Holocaust in Romania – US View

The treaties that followed World War I more than doubled the territory and population of Romania. The 1930 Romanian census recorded 728,115 persons who identified themselves as Jewish, comprising approximately 4 percent of the population.

By United States Holocaust Memorial Museum

Prewar photograph of students in a weaving workshop at a yeshiva (rabbinical academy) in the northern Transylvanian town of Sighet Marmatiei. Romania, prewar. — YIVO Institute for Jewish Research, New York

Traditionally, Romania had strong ties to France but tried (under its ruler King Carol II), to remain neutral in the 1930s. With the fall of France in June 1940, Nazi Germany supported the revisionist demands for Romanian territory of the Soviet Union, Hungary, and Bulgaria. During the summer and autumn of 1940, Romania lost about 30 percent of its territory and population. The Soviet Union demanded and received Bessarabia and northern Bukovina from Romania on June 28, 1940. On August 30, 1940, under German and Italian arbitration, Romania was forced to cede northern Transylvania to Hungary in the so-called Second Vienna Award. In September, Romania ceded southern Dobruja to Bulgaria.
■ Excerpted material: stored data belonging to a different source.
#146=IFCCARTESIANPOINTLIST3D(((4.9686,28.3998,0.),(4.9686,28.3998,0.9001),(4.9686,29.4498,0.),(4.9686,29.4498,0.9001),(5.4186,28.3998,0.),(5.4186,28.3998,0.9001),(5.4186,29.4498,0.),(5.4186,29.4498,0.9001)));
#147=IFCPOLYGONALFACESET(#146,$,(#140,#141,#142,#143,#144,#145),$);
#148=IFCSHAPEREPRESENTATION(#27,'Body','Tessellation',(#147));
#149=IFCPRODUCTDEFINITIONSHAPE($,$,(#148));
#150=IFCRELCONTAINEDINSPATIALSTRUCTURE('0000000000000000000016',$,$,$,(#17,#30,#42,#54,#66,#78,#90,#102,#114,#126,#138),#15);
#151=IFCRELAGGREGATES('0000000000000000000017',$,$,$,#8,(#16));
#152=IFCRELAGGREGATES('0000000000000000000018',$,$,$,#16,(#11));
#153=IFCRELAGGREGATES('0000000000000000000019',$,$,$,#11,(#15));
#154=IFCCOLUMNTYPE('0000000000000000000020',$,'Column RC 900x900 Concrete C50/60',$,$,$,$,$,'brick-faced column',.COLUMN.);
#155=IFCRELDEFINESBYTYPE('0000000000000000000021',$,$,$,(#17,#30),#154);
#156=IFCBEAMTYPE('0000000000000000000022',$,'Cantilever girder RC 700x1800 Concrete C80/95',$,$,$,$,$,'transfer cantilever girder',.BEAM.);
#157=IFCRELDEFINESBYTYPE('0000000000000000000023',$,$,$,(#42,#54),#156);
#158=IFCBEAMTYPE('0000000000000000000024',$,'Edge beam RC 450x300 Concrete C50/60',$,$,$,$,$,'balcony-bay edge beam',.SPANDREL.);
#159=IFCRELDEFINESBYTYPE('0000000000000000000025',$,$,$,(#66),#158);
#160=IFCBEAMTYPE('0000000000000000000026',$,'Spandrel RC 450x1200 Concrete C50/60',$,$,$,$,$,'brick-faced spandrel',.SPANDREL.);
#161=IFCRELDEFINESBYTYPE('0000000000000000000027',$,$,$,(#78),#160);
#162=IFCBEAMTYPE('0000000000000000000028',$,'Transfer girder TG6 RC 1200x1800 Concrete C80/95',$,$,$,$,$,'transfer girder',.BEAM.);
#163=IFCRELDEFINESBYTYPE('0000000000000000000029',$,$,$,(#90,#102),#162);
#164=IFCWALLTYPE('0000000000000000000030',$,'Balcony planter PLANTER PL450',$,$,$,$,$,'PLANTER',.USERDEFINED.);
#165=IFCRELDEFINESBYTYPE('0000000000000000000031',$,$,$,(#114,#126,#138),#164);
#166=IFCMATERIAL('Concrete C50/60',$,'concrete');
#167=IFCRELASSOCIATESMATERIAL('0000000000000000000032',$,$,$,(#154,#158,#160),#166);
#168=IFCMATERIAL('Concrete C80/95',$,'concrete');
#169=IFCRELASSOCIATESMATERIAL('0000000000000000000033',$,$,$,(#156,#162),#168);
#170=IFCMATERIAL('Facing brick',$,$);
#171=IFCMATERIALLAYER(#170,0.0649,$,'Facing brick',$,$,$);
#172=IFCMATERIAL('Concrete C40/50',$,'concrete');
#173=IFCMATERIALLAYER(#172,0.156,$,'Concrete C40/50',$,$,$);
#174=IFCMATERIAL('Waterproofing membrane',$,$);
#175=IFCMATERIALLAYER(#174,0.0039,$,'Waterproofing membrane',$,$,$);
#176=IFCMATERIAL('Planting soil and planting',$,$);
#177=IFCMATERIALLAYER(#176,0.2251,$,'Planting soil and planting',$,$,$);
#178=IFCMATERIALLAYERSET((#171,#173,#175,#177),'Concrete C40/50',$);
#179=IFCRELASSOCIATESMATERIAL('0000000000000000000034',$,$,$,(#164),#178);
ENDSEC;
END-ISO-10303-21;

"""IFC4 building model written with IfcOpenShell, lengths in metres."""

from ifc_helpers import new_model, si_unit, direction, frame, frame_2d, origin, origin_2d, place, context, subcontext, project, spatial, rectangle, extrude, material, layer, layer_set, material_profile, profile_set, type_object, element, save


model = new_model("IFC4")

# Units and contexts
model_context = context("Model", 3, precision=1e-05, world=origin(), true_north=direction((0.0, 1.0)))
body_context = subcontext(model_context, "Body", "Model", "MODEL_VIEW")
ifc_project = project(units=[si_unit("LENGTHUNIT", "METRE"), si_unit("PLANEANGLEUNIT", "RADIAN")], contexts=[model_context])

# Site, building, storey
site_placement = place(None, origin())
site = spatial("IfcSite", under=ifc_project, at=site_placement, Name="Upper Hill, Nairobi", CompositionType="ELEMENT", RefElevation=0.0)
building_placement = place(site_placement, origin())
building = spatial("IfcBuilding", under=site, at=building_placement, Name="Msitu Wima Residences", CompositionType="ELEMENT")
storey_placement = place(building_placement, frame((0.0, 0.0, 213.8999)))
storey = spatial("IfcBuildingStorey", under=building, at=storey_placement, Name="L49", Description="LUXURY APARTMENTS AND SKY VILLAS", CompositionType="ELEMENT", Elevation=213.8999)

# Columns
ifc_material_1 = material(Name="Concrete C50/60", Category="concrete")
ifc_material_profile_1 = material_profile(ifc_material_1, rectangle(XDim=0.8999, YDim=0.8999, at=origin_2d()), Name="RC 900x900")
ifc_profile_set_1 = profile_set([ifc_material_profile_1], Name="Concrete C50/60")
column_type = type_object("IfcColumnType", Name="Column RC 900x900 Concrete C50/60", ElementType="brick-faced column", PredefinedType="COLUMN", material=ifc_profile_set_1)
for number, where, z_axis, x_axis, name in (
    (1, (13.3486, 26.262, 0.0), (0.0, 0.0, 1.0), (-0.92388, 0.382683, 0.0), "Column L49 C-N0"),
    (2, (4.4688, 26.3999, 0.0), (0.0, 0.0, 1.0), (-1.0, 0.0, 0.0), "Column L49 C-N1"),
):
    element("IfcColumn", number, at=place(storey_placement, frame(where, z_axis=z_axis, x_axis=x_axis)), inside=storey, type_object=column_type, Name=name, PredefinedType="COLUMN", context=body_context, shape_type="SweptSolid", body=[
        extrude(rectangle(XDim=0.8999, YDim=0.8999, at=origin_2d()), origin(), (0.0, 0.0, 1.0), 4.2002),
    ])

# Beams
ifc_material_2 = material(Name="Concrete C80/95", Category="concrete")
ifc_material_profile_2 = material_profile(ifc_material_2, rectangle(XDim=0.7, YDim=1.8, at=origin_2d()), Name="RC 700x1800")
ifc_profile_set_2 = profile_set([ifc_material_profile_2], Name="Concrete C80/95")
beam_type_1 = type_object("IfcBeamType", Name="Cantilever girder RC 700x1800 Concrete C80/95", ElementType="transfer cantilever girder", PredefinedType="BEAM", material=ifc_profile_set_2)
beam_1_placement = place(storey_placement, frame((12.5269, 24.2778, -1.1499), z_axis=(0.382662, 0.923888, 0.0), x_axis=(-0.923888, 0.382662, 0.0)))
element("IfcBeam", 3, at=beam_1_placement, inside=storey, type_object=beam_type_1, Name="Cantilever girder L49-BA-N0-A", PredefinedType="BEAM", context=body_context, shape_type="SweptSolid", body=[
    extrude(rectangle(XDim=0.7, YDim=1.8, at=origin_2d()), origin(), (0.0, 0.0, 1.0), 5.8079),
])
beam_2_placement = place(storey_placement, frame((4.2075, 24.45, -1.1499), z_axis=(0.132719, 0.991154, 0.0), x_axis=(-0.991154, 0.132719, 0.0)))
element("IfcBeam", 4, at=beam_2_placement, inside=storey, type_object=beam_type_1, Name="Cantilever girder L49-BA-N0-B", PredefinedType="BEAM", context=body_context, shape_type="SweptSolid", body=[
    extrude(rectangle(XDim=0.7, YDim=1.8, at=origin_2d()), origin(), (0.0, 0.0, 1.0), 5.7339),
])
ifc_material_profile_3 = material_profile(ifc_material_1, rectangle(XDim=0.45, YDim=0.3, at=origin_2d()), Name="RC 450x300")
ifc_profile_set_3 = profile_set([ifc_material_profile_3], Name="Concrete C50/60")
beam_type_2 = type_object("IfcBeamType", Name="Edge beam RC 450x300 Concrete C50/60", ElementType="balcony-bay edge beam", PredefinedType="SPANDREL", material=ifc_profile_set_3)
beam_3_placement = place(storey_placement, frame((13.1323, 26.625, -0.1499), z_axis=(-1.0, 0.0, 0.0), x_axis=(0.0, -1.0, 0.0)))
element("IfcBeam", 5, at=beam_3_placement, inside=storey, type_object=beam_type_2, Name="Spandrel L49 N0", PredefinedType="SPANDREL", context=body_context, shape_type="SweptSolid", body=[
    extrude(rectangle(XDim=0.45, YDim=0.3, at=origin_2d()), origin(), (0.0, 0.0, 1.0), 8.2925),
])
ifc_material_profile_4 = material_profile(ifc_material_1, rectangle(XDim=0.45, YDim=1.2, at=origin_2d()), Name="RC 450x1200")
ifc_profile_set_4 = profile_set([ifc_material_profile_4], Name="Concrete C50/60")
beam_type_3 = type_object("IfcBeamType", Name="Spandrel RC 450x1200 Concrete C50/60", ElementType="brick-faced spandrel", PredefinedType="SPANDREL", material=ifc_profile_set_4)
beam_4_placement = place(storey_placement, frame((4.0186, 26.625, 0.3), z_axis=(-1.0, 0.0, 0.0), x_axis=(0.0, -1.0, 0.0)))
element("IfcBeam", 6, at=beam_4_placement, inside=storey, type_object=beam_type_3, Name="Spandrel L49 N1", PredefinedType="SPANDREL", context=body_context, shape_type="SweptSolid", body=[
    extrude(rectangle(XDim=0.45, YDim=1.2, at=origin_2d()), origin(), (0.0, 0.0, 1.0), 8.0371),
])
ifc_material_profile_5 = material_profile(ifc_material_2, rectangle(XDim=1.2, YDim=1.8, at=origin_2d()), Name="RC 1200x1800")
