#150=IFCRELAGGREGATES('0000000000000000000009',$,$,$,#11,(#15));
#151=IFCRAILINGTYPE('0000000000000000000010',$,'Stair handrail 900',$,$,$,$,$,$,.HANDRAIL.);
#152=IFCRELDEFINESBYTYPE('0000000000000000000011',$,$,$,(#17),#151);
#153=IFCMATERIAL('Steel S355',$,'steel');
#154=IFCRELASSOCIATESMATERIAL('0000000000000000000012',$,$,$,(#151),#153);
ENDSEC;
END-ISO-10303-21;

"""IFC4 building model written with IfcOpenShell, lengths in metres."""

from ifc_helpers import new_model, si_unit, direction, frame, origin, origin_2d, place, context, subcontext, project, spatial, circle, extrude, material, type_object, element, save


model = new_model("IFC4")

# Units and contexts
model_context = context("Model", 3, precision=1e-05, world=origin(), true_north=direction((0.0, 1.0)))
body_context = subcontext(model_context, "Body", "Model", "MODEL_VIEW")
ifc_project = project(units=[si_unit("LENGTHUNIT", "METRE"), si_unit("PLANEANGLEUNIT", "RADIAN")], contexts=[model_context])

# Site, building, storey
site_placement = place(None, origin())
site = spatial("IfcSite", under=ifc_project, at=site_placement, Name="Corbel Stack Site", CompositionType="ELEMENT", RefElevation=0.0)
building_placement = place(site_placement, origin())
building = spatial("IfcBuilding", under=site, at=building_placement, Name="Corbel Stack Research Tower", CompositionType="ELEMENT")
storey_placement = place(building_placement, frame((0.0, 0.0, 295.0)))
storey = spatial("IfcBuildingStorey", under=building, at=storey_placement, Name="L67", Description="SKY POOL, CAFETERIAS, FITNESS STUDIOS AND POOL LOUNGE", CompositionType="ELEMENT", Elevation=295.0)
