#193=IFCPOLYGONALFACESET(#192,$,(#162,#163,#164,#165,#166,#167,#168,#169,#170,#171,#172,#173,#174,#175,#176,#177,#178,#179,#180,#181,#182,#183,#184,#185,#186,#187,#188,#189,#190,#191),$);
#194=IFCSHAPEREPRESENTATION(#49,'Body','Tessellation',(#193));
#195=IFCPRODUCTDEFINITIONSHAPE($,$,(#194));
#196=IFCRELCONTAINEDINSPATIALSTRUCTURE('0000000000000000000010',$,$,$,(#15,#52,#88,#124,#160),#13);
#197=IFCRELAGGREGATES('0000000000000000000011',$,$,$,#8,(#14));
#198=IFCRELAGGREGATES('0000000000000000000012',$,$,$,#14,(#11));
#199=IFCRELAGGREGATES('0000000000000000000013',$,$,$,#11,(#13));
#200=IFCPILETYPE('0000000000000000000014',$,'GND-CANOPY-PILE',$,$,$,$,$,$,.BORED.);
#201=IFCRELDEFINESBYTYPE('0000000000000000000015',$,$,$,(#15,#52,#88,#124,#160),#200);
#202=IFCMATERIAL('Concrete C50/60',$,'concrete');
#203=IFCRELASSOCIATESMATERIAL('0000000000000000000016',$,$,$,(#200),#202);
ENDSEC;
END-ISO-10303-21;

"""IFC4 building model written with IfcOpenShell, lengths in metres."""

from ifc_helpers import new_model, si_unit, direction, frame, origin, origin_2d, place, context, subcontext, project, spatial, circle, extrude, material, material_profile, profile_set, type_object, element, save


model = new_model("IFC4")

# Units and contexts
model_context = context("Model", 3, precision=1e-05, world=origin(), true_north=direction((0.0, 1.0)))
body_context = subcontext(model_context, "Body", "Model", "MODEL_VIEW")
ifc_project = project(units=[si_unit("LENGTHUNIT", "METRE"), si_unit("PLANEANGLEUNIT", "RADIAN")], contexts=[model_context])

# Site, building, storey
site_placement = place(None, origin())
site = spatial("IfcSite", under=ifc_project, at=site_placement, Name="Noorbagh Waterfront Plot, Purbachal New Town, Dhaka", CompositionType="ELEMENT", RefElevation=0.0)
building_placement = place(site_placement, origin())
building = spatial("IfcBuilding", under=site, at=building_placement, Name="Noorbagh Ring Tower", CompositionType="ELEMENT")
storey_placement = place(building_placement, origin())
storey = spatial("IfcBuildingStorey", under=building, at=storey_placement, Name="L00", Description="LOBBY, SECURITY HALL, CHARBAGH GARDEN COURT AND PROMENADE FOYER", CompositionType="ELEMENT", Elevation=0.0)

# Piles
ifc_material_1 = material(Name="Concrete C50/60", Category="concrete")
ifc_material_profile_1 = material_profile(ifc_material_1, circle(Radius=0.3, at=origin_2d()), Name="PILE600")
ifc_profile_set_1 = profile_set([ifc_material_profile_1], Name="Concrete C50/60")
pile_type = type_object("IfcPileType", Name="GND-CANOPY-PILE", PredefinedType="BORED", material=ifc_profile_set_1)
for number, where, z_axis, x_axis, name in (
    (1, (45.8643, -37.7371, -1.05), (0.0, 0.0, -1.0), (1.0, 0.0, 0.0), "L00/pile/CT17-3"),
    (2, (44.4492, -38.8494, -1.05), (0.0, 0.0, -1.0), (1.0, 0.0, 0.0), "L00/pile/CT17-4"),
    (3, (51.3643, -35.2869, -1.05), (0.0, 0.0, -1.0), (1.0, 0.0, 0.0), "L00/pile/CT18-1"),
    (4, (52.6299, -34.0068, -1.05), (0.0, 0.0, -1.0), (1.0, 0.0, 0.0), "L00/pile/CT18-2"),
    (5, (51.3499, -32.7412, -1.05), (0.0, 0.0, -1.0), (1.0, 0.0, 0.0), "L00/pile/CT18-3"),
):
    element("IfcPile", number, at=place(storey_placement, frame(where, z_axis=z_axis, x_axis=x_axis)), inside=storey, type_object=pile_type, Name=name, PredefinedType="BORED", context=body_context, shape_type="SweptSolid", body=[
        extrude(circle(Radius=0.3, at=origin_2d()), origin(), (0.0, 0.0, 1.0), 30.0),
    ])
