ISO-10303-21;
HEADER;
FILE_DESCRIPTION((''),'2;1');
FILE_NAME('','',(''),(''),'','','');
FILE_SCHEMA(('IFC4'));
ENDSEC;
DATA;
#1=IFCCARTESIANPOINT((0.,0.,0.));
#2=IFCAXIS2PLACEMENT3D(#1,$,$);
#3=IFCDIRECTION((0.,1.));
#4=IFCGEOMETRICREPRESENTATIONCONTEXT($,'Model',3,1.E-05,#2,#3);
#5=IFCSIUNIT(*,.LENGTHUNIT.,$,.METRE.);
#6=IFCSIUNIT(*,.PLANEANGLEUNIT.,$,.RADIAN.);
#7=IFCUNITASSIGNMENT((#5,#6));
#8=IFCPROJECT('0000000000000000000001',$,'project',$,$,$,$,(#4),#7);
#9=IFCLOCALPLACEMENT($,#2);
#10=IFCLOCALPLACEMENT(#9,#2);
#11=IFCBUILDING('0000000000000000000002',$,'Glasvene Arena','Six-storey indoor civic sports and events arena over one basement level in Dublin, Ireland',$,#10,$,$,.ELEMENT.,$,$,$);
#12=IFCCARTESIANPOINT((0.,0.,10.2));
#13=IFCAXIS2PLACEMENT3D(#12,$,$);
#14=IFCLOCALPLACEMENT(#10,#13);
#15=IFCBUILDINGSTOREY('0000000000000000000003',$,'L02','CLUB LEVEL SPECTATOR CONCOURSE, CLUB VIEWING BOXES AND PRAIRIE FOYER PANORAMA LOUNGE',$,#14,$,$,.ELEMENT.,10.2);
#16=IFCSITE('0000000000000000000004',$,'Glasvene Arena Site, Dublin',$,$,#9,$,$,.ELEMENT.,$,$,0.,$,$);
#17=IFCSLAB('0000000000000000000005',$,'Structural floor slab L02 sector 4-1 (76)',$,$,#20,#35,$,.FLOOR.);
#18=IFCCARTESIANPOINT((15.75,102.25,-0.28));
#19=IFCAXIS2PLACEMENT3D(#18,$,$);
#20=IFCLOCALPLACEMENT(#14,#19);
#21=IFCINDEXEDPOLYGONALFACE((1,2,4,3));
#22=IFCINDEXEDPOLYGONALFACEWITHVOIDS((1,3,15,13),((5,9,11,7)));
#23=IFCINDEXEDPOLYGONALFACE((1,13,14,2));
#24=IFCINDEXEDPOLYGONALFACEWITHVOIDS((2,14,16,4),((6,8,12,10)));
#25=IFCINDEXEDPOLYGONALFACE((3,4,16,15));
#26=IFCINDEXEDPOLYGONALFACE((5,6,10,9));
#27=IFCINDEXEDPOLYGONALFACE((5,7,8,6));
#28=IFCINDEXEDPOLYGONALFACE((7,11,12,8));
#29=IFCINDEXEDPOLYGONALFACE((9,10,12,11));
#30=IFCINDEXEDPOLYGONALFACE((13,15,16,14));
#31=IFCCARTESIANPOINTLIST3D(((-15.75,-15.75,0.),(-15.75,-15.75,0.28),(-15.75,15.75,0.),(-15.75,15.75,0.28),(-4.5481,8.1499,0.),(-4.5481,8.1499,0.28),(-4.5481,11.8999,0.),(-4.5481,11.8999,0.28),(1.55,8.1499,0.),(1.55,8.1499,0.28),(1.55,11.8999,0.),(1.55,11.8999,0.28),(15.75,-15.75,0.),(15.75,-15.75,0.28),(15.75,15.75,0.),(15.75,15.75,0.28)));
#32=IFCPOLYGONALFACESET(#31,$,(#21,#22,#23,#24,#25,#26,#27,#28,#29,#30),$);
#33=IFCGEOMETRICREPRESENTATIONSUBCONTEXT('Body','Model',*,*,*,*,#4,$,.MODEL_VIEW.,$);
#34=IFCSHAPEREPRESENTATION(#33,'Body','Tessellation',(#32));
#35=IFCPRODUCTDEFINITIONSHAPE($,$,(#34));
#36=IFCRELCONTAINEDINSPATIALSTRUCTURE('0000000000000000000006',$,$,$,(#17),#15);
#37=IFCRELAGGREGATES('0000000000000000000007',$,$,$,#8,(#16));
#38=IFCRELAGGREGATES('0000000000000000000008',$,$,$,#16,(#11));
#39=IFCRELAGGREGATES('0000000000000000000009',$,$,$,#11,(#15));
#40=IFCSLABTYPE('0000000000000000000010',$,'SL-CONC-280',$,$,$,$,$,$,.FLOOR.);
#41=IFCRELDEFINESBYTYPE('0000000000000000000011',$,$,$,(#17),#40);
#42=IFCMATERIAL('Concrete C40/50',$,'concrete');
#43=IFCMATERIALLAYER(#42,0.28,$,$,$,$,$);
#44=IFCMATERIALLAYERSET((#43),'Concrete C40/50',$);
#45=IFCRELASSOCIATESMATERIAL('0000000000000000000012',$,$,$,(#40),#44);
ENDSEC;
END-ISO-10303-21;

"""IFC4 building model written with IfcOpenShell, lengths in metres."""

from ifc_helpers import new_model, si_unit, direction, frame, origin, place, context, subcontext, project, spatial, polyline, outline, extrude, material, layer, layer_set, type_object, element, save


model = new_model("IFC4")

# Units and contexts
model_context = context("Model", 3, precision=1e-05, world=origin(), true_north=direction((0.0, 1.0)))
body_context = subcontext(model_context, "Body", "Model", "MODEL_VIEW")
ifc_project = project(units=[si_unit("LENGTHUNIT", "METRE"), si_unit("PLANEANGLEUNIT", "RADIAN")], contexts=[model_context])

# Site, building, storey
site_placement = place(None, origin())
site = spatial("IfcSite", under=ifc_project, at=site_placement, Name="Glasvene Arena Site, Dublin", CompositionType="ELEMENT", RefElevation=0.0)
building_placement = place(site_placement, origin())
building = spatial("IfcBuilding", under=site, at=building_placement, Name="Glasvene Arena", Description="Six-storey indoor civic sports and events arena over one basement level in Dublin, Ireland", CompositionType="ELEMENT")
storey_placement = place(building_placement, frame((0.0, 0.0, 10.2)))
storey = spatial("IfcBuildingStorey", under=building, at=storey_placement, Name="L02", Description="CLUB LEVEL SPECTATOR CONCOURSE, CLUB VIEWING BOXES AND PRAIRIE FOYER PANORAMA LOUNGE", CompositionType="ELEMENT", Elevation=10.2)

# Slab
ifc_material_1 = material(Name="Concrete C40/50", Category="concrete")
ifc_layer_1 = layer(ifc_material_1, 0.28)
ifc_layer_set_1 = layer_set([ifc_layer_1], Name="Concrete C40/50")
slab_type = type_object("IfcSlabType", Name="SL-CONC-280", PredefinedType="FLOOR", material=ifc_layer_set_1)
slab_placement = place(storey_placement, frame((15.75, 102.25, -0.28)))
element("IfcSlab", 1, at=slab_placement, inside=storey, type_object=slab_type, Name="Structural floor slab L02 sector 4-1 (76)", PredefinedType="FLOOR", context=body_context, shape_type="SweptSolid", body=[
    extrude(outline(polyline([(15.75, 15.75), (15.75, -15.75), (-15.75, -15.75), (-15.75, 15.75), (15.75, 15.75)]), holes=[polyline([(1.55, 8.1499), (1.55, 11.8999), (-4.5481, 11.8999), (-4.5481, 8.1499), (1.55, 8.1499)])]), origin(), (0.0, 0.0, 1.0), 0.28),
])

save(model, "model.ifc")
Even before Romania fell into the orbit of Nazi Germany, Romanian authorities pursued a policy of harsh, persecutory antisemitism–particularly against Jews living in eastern borderlands, who were falsely associated with Soviet communism, and those living in Transylvania, who were identified with past Hungarian rule. Right-wing social revolutionary movements, like the fascist Iron Guard, found significant popular support and some official sympathy for their demand that the Jews of Romania be removed from alleged places of power and then expelled from Romania. However, their call for a social revolution against the political and economic establishment and their use of violent protest led to extreme hostility from the Romanian authorities. By 1938-1939, the Romanian police and the Iron Guard were locked in a state of virtual terrorist civil war.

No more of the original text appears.